# corn cob smoked bacon. Pioneer style.



## nebraskaheat (May 18, 2010)

(title should read corn cob smoked bacon)

My wife bought me a book titled "Nebraska Pioneer cookbook" and in it is a recipe for "smoked bacon" where corn cobs are used to create the smoke. This recipe comes from the "early days" section of the book and is dated as 1863..

Here is the entire "recipe"....

"Take a tin pan or kettle of corn cobs and set them on the fire so as to make them smoke; then turn the bottom side up over the smoking cobs in the barrel, or whatever you wish to salt or pickle your bacon in, so as to thourouly smoke the inside of it. Burn at least two pans of cobs under it, so as to smoke it well.
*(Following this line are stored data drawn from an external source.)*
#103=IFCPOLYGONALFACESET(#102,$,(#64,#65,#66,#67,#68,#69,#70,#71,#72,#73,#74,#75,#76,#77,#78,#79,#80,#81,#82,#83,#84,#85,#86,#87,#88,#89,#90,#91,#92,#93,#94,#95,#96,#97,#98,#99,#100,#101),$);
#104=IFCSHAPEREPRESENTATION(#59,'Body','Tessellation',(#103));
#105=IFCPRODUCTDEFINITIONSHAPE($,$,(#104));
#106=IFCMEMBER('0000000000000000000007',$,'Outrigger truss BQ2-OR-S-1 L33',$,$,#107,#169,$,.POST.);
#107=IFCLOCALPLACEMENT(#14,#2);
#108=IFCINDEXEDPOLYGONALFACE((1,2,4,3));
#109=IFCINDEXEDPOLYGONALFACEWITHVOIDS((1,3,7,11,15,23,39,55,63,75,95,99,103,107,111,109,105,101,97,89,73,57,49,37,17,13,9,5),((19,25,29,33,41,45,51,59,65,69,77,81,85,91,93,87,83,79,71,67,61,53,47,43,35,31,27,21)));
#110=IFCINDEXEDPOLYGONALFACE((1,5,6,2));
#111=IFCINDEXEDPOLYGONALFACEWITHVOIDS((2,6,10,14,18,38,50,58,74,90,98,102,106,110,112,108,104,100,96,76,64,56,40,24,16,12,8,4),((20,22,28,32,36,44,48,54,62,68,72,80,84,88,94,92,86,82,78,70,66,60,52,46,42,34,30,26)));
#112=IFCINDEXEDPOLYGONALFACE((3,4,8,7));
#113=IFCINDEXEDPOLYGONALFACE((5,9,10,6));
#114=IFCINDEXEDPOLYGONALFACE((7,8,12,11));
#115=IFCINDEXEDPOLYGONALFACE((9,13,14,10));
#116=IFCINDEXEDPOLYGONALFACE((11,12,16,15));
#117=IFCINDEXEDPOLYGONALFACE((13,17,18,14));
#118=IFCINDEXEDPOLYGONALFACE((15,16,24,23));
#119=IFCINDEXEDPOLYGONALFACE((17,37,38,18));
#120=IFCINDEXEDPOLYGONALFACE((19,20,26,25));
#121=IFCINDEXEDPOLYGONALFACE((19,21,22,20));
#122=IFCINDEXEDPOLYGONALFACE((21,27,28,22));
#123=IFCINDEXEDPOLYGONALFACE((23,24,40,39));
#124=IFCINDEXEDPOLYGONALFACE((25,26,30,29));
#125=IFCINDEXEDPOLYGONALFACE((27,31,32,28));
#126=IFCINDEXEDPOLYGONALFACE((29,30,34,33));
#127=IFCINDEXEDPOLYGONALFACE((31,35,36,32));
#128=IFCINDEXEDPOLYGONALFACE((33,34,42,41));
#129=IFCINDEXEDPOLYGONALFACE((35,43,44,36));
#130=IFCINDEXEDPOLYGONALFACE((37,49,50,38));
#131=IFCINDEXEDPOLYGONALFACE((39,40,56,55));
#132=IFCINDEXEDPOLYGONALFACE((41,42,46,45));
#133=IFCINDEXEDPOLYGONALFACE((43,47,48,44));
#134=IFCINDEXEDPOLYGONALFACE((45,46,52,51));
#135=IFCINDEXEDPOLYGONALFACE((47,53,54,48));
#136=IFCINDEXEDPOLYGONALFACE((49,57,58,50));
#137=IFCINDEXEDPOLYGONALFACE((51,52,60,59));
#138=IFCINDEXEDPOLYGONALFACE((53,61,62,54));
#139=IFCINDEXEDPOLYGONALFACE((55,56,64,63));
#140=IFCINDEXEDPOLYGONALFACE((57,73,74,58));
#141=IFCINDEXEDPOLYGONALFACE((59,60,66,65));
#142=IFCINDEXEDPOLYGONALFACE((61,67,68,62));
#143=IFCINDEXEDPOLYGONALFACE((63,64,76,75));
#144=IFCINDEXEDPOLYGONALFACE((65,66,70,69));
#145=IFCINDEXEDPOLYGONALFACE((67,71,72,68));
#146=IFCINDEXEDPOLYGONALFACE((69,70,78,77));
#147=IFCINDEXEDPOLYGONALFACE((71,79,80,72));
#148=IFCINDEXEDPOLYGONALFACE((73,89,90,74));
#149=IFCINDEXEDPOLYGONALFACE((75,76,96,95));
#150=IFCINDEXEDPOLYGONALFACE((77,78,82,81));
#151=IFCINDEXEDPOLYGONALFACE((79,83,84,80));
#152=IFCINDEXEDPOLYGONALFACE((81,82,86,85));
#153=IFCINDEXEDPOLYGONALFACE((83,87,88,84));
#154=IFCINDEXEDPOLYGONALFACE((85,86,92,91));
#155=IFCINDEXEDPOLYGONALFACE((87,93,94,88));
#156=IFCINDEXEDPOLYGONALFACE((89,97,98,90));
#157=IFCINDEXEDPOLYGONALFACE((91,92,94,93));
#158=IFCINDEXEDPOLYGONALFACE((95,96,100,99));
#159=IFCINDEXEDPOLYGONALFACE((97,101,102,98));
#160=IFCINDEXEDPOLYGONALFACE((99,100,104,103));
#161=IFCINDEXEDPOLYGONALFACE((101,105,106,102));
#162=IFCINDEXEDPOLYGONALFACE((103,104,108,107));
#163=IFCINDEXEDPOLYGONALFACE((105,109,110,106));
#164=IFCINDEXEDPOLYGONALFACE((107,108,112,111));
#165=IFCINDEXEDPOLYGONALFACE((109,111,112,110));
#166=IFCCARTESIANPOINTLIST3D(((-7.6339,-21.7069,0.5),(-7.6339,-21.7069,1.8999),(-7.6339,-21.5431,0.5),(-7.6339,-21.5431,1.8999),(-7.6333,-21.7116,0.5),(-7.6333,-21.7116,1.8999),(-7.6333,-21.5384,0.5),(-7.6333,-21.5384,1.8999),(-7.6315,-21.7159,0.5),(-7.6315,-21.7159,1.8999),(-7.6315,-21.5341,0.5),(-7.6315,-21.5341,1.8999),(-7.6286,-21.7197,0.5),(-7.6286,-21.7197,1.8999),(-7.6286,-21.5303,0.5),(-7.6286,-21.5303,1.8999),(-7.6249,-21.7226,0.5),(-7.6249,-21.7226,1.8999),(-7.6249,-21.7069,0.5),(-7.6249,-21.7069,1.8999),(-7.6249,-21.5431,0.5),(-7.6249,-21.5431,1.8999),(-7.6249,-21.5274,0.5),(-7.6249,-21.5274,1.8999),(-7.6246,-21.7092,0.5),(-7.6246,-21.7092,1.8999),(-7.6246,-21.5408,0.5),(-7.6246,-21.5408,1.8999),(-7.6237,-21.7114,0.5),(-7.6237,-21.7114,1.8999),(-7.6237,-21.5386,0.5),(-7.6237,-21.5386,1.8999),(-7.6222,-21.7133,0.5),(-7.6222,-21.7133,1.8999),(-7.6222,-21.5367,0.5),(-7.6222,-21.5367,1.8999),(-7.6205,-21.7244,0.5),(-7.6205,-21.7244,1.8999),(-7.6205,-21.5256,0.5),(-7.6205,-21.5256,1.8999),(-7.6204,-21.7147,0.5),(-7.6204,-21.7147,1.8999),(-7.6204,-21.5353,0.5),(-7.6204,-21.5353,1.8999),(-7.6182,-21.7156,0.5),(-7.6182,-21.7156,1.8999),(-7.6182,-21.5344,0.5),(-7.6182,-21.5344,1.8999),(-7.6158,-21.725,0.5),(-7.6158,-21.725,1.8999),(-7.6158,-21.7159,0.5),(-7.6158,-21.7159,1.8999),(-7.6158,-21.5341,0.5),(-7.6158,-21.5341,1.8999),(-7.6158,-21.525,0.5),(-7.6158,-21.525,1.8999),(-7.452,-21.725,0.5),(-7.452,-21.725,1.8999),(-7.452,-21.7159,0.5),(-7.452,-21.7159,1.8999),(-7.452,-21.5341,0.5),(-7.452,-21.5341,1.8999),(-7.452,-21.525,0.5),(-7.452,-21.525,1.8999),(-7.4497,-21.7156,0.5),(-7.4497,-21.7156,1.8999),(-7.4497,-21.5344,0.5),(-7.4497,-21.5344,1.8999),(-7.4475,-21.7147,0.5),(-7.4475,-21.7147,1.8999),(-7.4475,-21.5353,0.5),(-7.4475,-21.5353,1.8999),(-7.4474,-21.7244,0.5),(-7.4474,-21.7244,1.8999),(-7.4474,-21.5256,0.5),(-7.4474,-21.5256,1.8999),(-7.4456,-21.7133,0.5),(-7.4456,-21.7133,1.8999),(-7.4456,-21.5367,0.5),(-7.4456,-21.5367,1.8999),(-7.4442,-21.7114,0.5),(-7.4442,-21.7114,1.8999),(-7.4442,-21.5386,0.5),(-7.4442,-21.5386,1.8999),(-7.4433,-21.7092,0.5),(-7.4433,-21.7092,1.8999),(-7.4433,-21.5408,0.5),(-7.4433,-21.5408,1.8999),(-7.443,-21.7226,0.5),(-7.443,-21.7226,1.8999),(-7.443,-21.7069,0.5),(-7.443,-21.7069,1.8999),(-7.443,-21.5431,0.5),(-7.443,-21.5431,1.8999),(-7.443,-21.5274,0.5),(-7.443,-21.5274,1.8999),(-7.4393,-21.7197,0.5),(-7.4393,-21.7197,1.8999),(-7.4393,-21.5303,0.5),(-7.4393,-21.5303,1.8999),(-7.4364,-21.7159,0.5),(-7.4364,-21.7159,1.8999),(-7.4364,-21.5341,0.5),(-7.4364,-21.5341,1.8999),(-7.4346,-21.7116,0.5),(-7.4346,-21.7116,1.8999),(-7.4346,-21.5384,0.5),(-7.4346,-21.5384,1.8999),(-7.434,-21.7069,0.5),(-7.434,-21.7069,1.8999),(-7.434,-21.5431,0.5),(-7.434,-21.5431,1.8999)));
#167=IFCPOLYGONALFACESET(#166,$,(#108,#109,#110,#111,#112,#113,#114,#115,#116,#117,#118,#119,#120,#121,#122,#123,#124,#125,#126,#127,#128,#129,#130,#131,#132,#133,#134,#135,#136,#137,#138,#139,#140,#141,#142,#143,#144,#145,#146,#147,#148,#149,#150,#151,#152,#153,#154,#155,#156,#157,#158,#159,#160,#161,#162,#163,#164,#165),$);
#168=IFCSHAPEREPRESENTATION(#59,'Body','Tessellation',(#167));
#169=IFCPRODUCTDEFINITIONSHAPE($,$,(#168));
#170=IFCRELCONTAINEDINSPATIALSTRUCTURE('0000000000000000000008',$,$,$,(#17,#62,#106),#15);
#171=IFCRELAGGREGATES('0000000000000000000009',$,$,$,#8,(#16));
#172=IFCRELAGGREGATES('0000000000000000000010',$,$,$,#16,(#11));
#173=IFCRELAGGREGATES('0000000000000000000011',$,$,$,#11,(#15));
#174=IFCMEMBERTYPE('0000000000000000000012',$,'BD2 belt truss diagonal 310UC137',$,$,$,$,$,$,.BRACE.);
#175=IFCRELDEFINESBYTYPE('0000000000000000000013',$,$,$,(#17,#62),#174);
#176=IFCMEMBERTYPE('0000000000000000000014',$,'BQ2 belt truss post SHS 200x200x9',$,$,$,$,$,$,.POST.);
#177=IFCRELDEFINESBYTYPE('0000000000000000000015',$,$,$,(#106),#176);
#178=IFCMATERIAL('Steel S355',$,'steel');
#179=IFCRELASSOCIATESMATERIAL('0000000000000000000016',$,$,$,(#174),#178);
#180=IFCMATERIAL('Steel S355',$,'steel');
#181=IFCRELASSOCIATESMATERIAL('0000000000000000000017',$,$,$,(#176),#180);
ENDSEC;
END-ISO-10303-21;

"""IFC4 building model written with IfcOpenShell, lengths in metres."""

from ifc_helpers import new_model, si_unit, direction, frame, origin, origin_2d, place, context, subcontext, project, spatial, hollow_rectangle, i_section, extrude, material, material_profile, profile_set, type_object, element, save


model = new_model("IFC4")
Then pack the ham, shoulders or other meat you wish to make bacon of in the cask, and after preparing your pickle heat it nearly boiling hot, and pour it on the meat and let the meat stay until it is pickled, when it is made into bacon, ready for use and well smoked. The bacon can remain in the pickle until used, and you can watch it in the summer and should it ferment, scald it over."


----------



## mballi3011 (May 18, 2010)

I know the ole timmey way seems alittle different but this one seem alot different to me. Now you can give it a shot and I would be interested in the out come. Now you might want to give Shooterrick or Rivet a PM for I know theylike doing stuff the old fashion way.


----------



## nebraskaheat (May 18, 2010)

Yeah, the more I read it the less I think I understand it.. Correct me if I'm wrong, but is the recipe actually just suggesting smoking the container with the corn cob smoke and then using it to store the bacon in? 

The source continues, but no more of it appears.